The Weyl equidistribution theorem states that the sequence of fractional parts ${n \xi}$, $n = 0, 1, 2, \dots$ is uniformly distributed for $\xi$ irrational.
This can be proved using a bit of ergodic theory, specifically the fact that an irrational rotation is uniquely ergodic with respect to Lebesgue measure. It can also be proved by simply playing with trigonometric polynomials (i.e., polynomials in $e^{2\pi i k x}$ for $k$ an integer) and using the fact they are dense in the space of all continuous functions with period 1. In particular, one shows that if $f(x)$ is a continuous function with period 1, then for any $t$, $\int_0^1 f(x) dx = \lim \frac{1}{N} \sum_{i=0}^{N-1} f(t+i \xi)$. One shows this by checking this (directly) for trigonometric polynomials via the geometric series. This is a very elementary and nice proof.
The general form of Weyl's theorem states that if $p$ is a monic integer-valued polynomial, then the sequence ${p(n \xi)}$ for $\xi$ irrational is uniformly distributed modulo 1. I believe this can be proved using extensions of these ergodic theory techniques — it's an exercise in Katok and Hasselblatt. I'd like to see an elementary proof.
Can the general form of Weyl's theorem be proved using the same elementary techniques as in the basic version?
Best Answer
There is a fairly good exposition in Terry Tao's post, see Corollaries 4-6. Here is a sketch:
We prove the more general statement: Let $p(n)= \chi n^d + a_{d-1} n^{d-1} + \cdots + a_1 n + a_0$ be any polynomial, with $\chi$ irrational. Then $p(n) \mod 1$ is equidistributed. Our proof is by induction on $d$; the base case $d=1$ is standard.

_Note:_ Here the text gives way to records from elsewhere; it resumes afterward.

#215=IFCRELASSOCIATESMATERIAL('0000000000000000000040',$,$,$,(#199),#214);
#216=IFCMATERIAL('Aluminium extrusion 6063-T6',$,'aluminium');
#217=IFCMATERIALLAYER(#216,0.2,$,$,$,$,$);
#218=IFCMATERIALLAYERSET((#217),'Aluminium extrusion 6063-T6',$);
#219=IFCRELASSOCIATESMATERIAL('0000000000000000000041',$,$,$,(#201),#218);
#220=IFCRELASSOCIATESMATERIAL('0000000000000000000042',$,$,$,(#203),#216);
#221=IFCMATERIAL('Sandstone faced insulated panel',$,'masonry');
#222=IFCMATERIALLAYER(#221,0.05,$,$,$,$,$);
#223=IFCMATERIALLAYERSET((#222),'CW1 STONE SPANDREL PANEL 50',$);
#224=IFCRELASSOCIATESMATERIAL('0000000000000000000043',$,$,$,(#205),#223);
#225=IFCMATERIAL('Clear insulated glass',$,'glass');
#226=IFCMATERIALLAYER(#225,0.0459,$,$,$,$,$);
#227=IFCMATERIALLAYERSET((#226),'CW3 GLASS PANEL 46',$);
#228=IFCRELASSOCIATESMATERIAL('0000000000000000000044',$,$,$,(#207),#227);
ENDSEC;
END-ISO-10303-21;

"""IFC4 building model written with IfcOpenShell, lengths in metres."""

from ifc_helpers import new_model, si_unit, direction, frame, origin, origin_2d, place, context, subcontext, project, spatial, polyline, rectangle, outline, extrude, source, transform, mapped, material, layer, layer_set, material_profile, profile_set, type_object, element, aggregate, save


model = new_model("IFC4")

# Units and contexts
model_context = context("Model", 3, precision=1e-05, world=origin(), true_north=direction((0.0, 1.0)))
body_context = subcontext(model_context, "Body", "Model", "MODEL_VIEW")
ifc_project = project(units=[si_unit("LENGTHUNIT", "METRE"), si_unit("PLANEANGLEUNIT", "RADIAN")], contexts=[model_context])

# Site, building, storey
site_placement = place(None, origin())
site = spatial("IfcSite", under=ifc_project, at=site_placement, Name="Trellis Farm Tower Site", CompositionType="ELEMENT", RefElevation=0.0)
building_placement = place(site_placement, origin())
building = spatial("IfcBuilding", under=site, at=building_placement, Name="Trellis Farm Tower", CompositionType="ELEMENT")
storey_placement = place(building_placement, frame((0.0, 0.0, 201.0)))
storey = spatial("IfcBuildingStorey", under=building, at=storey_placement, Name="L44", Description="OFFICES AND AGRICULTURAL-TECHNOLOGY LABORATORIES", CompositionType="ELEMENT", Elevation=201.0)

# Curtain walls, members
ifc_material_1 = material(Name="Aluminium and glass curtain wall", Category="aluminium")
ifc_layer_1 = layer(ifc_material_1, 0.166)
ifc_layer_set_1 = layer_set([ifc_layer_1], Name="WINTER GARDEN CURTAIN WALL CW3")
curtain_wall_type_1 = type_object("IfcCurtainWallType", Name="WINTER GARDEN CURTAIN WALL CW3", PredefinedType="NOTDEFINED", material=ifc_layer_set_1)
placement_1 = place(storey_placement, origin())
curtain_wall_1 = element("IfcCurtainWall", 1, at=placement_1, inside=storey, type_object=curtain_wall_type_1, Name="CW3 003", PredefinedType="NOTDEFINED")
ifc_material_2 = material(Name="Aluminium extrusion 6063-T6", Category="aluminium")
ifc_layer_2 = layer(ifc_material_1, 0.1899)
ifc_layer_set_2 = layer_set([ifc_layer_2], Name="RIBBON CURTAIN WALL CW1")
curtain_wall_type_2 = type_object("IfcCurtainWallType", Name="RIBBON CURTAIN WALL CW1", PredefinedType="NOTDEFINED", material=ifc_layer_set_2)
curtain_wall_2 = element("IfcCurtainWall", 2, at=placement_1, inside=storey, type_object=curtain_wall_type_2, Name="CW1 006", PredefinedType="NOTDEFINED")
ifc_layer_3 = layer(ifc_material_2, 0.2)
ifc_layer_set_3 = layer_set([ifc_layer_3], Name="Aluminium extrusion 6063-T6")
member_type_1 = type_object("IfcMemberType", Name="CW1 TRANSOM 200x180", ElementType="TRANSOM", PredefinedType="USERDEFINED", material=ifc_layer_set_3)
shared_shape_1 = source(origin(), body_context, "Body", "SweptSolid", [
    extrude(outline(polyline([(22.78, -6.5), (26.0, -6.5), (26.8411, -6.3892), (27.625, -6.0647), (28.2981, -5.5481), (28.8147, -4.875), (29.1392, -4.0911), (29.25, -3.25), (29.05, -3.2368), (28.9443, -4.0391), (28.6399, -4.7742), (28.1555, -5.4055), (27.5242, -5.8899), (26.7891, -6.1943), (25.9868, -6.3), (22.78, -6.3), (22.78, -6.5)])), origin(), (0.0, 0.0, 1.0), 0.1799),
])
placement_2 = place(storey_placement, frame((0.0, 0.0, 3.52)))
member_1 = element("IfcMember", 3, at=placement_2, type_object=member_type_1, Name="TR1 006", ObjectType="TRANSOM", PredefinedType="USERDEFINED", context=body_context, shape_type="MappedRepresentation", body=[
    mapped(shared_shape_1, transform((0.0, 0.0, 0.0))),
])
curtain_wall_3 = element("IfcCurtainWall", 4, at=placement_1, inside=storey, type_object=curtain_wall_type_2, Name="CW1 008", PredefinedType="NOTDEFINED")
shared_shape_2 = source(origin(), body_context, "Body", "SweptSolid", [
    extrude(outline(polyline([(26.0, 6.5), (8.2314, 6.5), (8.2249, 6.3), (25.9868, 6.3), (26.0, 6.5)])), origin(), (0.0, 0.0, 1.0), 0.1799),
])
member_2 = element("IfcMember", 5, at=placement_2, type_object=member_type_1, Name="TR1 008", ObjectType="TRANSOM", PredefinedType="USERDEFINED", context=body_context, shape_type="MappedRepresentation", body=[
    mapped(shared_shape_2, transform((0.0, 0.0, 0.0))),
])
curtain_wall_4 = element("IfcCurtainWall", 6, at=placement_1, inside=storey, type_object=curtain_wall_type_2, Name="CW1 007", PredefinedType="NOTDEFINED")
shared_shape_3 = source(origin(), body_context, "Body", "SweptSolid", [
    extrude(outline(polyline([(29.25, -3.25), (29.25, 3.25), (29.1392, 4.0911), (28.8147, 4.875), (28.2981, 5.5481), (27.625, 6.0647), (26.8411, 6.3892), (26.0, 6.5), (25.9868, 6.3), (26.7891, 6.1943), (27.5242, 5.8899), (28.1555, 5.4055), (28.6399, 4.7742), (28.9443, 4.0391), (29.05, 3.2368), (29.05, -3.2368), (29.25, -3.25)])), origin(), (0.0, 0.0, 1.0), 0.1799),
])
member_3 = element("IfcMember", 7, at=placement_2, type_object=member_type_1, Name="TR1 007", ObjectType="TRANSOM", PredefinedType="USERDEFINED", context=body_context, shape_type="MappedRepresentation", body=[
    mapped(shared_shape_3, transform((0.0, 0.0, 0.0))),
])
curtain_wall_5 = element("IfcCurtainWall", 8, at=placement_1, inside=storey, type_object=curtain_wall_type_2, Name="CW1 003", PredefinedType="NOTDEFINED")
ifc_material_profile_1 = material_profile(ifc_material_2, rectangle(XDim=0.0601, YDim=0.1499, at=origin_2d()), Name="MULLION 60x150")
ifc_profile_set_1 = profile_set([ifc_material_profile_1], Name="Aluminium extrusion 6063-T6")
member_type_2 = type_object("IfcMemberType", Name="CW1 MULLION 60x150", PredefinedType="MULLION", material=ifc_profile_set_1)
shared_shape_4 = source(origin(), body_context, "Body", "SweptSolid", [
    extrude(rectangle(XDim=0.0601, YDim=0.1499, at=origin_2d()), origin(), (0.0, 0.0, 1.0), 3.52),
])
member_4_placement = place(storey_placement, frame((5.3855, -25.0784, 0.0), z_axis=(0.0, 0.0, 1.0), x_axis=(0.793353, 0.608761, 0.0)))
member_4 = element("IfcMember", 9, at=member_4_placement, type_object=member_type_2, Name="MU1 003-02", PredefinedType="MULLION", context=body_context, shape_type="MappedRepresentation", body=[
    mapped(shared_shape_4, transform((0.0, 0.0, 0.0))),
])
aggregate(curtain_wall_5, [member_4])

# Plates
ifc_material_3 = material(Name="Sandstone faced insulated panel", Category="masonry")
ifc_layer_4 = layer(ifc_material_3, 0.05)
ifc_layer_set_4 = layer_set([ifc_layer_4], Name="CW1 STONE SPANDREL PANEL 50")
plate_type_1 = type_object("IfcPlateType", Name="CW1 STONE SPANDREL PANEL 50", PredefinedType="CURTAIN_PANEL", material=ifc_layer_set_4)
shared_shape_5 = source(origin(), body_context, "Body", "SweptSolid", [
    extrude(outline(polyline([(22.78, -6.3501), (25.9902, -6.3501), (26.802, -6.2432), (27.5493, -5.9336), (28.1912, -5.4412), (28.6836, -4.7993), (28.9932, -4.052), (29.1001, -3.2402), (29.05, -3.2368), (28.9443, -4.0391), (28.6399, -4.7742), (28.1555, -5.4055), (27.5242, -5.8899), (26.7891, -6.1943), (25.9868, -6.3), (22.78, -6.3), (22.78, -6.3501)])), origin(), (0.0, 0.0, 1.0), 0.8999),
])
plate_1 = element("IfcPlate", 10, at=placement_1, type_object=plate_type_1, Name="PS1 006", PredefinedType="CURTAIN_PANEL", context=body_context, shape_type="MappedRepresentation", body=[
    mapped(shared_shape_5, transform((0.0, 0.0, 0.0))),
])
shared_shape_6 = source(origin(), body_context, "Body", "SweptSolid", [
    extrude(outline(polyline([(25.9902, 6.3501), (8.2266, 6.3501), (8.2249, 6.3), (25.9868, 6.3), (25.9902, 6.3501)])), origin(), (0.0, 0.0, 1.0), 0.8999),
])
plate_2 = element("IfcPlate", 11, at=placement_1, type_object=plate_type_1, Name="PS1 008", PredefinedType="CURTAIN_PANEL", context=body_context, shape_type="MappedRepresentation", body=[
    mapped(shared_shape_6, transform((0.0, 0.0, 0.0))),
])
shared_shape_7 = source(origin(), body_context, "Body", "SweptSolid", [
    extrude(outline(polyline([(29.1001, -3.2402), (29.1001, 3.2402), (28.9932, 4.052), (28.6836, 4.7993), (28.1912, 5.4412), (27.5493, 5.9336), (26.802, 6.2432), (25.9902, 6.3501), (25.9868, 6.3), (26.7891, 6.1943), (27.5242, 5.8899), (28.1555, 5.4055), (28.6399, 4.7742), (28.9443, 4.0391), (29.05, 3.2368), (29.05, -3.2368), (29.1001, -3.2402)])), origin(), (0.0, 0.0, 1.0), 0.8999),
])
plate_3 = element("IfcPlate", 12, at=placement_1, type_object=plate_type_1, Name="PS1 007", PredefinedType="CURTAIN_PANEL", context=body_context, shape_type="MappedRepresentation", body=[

Set $e(x) = e^{2 \pi i x}$. By the standard trickery with exponential polynomials, it is enough to show $$\sum_{n=0}^{N-1} e(p(n)) = o(N).$$
Choose a positive integer $h$. With a small error, we can replace the sum by $$\sum_{n=0}^{N-1} (1/h) \left( e(p(n)) + e(p(n+1)) + \cdots + e(p(n+h-1)) \right).$$ By Cauchy-Schwarz, this is bounded by $$\frac{\sqrt{N}}{h} \left[ \sum_{n=0}^{N-1} \left( e(p(n)) + \cdots + e(p(n+h-1)) \right) \overline{ \left( e(p(n)) + \cdots + e(p(n+h-1)) \right)} \right]^{1/2}.$$
Expanding the inner sum, we get $h^2$ terms of the form $e(p(n) - p(n+k))$. There are $h$ terms where $k=0$; these each sum up to $N$. For the other $h^2-h$ terms, the sum is of the form $\sum_{n=0}^{N-1} e(q(n))$, where $q$ has leading term $\chi d n^{d-1}$. By induction, each of these sums is $o(N)$.
So the quantity in the square root is $$hN+o(N)$$ where the constant in the $o$ depends on $h$ and $\chi$. Putting it all together, we get a bound of $$N/\sqrt{h} + o(N).$$
Since $h$ was arbitrary, this proves the result.